In reply to: Fabien COELHO (#9)

Re: pgbench - minor fix for meta command only scripts

On 09/24/2016 12:45 PM, Fabien COELHO wrote:

Although I cannot be absolutely sure that the refactoring does not
introduce any new bug, I'm convinced that it will be much easier to find
them:-)

:-)

Attached are some small changes to your version:

I have added the sleep_until fix.

I have fixed a bug introduced in the patch by changing && by || in the
(min_sec > 0 && maxsock != -1) condition which was inducing errors with
multi-threads & clients...

I have factored out several error messages in "commandFailed", in place of
the "metaCommandFailed", and added the script number as well in the error
messages. All messages are now specific to the failed command.

I have added two states to the machine:

- CSTATE_CHOOSE_SCRIPT which simplifies threadRun, there is now one call
to chooseScript instead of two before.

- CSTATE_END_COMMAND which manages is_latencies and proceeding to the
next command, thus merging the three instances of updating the stats
that were in the first version.

The later state means that processing query results is included in the per
statement latency, which is an improvement because before I was getting
some transaction latency significantly larger that the apparent sum of the
per-statement latencies, which did not make much sense...

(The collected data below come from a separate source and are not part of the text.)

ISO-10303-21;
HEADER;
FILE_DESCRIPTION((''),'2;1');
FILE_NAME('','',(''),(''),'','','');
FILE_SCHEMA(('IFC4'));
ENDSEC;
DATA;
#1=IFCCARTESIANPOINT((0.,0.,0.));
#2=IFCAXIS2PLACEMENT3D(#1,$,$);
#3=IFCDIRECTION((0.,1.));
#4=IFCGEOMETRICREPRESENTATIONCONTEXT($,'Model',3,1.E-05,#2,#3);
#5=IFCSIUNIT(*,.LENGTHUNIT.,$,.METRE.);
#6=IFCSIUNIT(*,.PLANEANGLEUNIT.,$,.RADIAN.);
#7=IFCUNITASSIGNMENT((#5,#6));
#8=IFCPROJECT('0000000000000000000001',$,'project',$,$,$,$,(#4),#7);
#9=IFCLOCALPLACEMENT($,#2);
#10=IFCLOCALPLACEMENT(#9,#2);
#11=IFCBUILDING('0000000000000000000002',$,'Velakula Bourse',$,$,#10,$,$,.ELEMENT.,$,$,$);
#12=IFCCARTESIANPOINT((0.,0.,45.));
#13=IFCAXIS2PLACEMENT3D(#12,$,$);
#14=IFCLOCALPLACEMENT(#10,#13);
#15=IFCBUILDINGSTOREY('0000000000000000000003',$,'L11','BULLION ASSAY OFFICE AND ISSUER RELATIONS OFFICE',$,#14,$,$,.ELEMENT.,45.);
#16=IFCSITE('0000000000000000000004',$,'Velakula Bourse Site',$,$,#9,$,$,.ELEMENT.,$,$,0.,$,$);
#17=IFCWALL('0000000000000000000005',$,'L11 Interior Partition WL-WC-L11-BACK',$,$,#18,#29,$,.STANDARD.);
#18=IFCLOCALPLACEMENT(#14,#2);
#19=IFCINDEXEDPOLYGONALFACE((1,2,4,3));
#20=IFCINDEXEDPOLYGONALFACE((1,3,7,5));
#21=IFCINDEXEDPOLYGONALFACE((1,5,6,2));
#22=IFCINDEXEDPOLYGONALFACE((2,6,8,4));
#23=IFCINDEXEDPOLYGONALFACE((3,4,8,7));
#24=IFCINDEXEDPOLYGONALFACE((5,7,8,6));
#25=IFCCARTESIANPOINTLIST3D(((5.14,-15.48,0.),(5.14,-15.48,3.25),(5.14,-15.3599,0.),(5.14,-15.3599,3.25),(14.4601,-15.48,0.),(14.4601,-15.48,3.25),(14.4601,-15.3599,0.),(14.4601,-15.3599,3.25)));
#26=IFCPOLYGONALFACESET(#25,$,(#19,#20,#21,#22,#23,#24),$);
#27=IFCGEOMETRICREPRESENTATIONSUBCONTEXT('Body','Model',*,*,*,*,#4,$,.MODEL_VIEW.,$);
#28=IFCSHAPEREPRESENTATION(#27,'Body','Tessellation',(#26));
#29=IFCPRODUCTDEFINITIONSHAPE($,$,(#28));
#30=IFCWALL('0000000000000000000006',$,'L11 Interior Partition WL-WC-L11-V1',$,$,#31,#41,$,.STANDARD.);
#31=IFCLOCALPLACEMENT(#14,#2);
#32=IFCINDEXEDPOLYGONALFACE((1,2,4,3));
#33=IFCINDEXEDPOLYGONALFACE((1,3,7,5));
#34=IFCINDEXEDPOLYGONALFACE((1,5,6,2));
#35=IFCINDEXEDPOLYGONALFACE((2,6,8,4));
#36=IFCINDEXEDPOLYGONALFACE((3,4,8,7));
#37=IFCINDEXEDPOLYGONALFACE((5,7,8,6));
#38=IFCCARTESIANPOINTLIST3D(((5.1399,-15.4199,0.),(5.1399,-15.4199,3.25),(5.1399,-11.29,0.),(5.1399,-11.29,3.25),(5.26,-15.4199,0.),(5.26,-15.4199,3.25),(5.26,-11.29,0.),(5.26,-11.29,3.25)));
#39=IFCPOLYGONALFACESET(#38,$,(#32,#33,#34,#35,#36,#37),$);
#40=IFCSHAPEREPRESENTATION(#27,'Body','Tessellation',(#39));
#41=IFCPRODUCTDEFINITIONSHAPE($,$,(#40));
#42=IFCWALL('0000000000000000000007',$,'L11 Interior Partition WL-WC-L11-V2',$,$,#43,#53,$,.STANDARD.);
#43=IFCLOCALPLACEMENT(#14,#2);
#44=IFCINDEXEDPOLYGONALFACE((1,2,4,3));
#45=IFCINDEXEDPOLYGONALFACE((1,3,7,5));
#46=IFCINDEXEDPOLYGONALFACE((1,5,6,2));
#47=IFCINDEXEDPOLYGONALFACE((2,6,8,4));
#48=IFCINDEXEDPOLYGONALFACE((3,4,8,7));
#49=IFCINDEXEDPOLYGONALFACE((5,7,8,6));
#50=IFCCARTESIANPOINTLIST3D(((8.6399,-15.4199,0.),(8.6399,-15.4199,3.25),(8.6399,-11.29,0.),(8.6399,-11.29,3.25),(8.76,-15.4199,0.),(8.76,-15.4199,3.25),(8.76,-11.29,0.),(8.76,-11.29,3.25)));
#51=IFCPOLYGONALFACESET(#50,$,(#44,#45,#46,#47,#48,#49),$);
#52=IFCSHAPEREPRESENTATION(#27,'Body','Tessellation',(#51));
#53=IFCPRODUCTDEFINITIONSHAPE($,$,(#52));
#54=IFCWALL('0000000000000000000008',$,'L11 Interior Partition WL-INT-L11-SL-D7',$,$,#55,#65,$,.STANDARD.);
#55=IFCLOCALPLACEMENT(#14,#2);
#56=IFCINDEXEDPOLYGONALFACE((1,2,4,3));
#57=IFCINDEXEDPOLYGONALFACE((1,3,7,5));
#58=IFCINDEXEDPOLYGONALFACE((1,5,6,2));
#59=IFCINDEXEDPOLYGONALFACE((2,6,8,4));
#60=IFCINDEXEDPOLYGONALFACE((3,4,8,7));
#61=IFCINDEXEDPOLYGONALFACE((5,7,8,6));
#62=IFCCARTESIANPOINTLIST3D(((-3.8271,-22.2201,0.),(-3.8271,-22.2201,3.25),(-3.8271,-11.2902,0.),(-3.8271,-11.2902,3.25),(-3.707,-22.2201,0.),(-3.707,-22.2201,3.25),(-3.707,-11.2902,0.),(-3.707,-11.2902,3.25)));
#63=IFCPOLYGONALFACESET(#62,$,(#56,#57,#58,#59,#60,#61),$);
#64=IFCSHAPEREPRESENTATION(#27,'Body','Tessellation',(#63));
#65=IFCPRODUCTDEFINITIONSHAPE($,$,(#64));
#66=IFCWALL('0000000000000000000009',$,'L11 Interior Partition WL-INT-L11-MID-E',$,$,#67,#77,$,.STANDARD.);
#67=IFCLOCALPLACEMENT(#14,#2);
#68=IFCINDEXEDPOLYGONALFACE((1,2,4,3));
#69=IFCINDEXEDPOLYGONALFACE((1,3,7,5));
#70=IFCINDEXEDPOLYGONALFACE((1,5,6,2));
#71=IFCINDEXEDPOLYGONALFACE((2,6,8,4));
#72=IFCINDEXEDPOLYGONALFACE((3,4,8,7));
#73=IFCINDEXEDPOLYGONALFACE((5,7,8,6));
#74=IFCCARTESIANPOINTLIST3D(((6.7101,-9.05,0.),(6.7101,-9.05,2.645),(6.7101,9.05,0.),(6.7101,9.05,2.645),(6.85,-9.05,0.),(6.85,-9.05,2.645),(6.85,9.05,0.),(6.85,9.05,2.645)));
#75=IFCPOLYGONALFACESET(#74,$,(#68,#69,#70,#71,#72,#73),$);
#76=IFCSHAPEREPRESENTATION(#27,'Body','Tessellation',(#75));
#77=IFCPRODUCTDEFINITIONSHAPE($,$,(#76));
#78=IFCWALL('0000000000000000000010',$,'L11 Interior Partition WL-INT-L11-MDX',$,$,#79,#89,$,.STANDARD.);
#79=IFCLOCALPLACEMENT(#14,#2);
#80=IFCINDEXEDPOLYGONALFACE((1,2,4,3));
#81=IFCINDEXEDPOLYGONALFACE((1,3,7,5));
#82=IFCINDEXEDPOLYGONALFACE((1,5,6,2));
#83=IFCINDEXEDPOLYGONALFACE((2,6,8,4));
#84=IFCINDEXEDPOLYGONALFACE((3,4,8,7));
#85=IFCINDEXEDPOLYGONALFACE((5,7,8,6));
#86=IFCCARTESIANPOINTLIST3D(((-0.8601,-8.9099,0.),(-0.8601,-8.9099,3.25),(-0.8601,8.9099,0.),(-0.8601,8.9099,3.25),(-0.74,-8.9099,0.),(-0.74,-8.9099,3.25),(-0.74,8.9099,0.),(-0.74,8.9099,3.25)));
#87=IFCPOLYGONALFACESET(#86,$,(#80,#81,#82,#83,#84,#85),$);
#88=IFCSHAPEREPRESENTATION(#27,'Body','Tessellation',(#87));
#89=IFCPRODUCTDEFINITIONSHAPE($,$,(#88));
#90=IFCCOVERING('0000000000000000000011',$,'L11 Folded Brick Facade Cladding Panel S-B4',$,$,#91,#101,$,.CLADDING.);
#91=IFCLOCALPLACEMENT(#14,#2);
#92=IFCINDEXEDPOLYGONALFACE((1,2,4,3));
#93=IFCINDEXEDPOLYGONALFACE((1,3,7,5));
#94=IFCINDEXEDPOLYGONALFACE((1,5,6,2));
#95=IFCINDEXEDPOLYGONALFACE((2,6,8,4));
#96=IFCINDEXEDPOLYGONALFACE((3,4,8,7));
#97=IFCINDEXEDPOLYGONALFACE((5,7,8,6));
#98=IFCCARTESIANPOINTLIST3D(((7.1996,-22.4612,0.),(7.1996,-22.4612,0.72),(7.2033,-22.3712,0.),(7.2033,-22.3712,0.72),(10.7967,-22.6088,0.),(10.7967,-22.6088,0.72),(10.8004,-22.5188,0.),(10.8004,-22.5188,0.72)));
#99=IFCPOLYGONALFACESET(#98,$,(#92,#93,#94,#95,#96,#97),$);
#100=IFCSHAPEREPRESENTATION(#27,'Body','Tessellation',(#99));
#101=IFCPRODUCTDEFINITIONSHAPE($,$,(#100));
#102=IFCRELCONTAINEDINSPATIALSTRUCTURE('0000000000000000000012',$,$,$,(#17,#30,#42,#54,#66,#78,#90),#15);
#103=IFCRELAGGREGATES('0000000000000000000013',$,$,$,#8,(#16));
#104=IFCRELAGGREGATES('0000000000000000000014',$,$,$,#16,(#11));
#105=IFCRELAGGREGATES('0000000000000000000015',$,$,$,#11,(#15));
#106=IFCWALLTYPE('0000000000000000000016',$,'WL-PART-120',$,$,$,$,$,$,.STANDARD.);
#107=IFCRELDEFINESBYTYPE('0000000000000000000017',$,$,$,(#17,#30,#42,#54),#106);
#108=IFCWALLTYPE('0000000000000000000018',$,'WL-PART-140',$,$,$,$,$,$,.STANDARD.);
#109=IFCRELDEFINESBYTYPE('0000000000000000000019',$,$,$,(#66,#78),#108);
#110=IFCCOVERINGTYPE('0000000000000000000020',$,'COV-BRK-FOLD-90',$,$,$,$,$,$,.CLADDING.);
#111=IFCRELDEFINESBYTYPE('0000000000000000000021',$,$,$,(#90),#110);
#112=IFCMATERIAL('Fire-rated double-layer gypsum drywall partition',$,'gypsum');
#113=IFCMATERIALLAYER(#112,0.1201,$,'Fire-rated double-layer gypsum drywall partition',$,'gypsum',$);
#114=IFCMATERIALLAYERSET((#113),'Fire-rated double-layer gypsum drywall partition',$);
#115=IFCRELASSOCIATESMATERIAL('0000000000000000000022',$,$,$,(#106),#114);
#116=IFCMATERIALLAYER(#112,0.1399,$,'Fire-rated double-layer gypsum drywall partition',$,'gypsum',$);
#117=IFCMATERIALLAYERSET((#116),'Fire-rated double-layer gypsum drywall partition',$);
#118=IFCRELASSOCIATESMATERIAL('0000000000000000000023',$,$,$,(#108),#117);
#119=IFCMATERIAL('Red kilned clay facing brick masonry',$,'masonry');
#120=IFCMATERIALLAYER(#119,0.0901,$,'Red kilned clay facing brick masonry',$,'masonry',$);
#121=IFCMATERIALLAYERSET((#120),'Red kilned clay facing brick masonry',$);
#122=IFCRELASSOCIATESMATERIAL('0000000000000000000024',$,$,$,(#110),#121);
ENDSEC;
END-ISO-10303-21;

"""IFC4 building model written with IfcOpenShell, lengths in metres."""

from ifc_helpers import new_model, si_unit, direction, frame, frame_2d, origin, origin_2d, place, context, subcontext, project, spatial, rectangle, extrude, material, layer, layer_set, type_object, element, save


model = new_model("IFC4")

# Units and contexts
model_context = context("Model", 3, precision=1e-05, world=origin(), true_north=direction((0.0, 1.0)))
body_context = subcontext(model_context, "Body", "Model", "MODEL_VIEW")
ifc_project = project(units=[si_unit("LENGTHUNIT", "METRE"), si_unit("PLANEANGLEUNIT", "RADIAN")], contexts=[model_context])

# Site, building, storey
site_placement = place(None, origin())
site = spatial("IfcSite", under=ifc_project, at=site_placement, Name="Velakula Bourse Site", CompositionType="ELEMENT", RefElevation=0.0)
building_placement = place(site_placement, origin())
building = spatial("IfcBuilding", under=site, at=building_placement, Name="Velakula Bourse", CompositionType="ELEMENT")
storey_placement = place(building_placement, frame((0.0, 0.0, 45.0)))
storey = spatial("IfcBuildingStorey", under=building, at=storey_placement, Name="L11", Description="BULLION ASSAY OFFICE AND ISSUER RELATIONS OFFICE", CompositionType="ELEMENT", Elevation=45.0)

# Shared definitions
ifc_material_1 = material(Name="Red kilned clay facing brick masonry", Category="masonry")

# Walls
ifc_material_2 = material(Name="Fire-rated double-layer gypsum drywall partition", Category="gypsum")
ifc_layer_1 = layer(ifc_material_2, 0.1201, Name="Fire-rated double-layer gypsum drywall partition", Category="gypsum")
ifc_layer_set_1 = layer_set([ifc_layer_1], Name="Fire-rated double-layer gypsum drywall partition")
wall_type_1 = type_object("IfcWallType", Name="WL-PART-120", PredefinedType="STANDARD", material=ifc_layer_set_1)
wall_1_placement = place(storey_placement, frame((5.1399, -15.4199, 0.0), z_axis=(0.0, 0.0, 1.0), x_axis=(1.0, 0.0, 0.0)))
element("IfcWall", 1, at=wall_1_placement, inside=storey, type_object=wall_type_1, Name="L11 Interior Partition WL-WC-L11-BACK", PredefinedType="STANDARD", context=body_context, shape_type="SweptSolid", body=[
    extrude(rectangle(XDim=9.3201, YDim=0.1201, at=frame_2d((4.6602, 0.0))), origin(), (0.0, 0.0, 1.0), 3.25),
])
for number, where, z_axis, x_axis, name in (
    (2, (5.2, -15.4199, 0.0), (0.0, 0.0, 1.0), (0.0, 1.0, 0.0), "L11 Interior Partition WL-WC-L11-V1"),
    (3, (8.7, -15.4199, 0.0), (0.0, 0.0, 1.0), (0.0, 1.0, 0.0), "L11 Interior Partition WL-WC-L11-V2"),
):
    element("IfcWall", number, at=place(storey_placement, frame(where, z_axis=z_axis, x_axis=x_axis)), inside=storey, type_object=wall_type_1, Name=name, PredefinedType="STANDARD", context=body_context, shape_type="SweptSolid", body=[
        extrude(rectangle(XDim=4.1299, YDim=0.1201, at=frame_2d((2.0649, 0.0))), origin(), (0.0, 0.0, 1.0), 3.25),
    ])
wall_2_placement = place(storey_placement, frame((-3.7671, -22.22, 0.0), z_axis=(0.0, 0.0, 1.0), x_axis=(0.0, 1.0, 0.0)))
element("IfcWall", 4, at=wall_2_placement, inside=storey, type_object=wall_type_1, Name="L11 Interior Partition WL-INT-L11-SL-D7", PredefinedType="STANDARD", context=body_context, shape_type="SweptSolid", body=[
    extrude(rectangle(XDim=10.9299, YDim=0.1201, at=frame_2d((5.4648, 0.0))), origin(), (0.0, 0.0, 1.0), 3.25),
])
ifc_layer_2 = layer(ifc_material_2, 0.1399, Name="Fire-rated double-layer gypsum drywall partition", Category="gypsum")
ifc_layer_set_2 = layer_set([ifc_layer_2], Name="Fire-rated double-layer gypsum drywall partition")
wall_type_2 = type_object("IfcWallType", Name="WL-PART-140", PredefinedType="STANDARD", material=ifc_layer_set_2)
wall_3_placement = place(storey_placement, frame((6.78, -9.05, 0.0), z_axis=(0.0, 0.0, 1.0), x_axis=(0.0, 1.0, 0.0)))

Ok. I agree that makes more sense.

I have added & updated a few comments.

Thanks! Committed.

There are some places where the break could be a pass through
instead, not sure how desirable it is, I'm fine with break.

I left them as "break". Pass-throughs are error-prone, and make it more
difficult to read, IMHO. The compiler will optimize it into a
pass-through anyway, if possible and worthwhile, so there should be no
performance difference.

- Heikki

--
Sent via pgsql-hackers mailing list (pgsql-hackers@postgresql.org)
To make changes to your subscription:
http://www.postgresql.org/mailpref/pgsql-hackers

#11

Jeff Janes

jeff.janes@gmail.com

over 8 years ago

In reply to: Heikki Linnakangas (#10)

Re: pgbench - minor fix for meta command only scripts

On Mon, Sep 26, 2016 at 1:01 AM, Heikki Linnakangas <hlinnaka@iki.fi> wrote:

On 09/24/2016 12:45 PM, Fabien COELHO wrote:

Attached are some small changes to your version:

I have added the sleep_until fix.

I have fixed a bug introduced in the patch by changing && by || in the
(min_sec > 0 && maxsock != -1) condition which was inducing errors with
multi-threads & clients...

I have factored out several error messages in "commandFailed", in place of
the "metaCommandFailed", and added the script number as well in the error
messages. All messages are now specific to the failed command.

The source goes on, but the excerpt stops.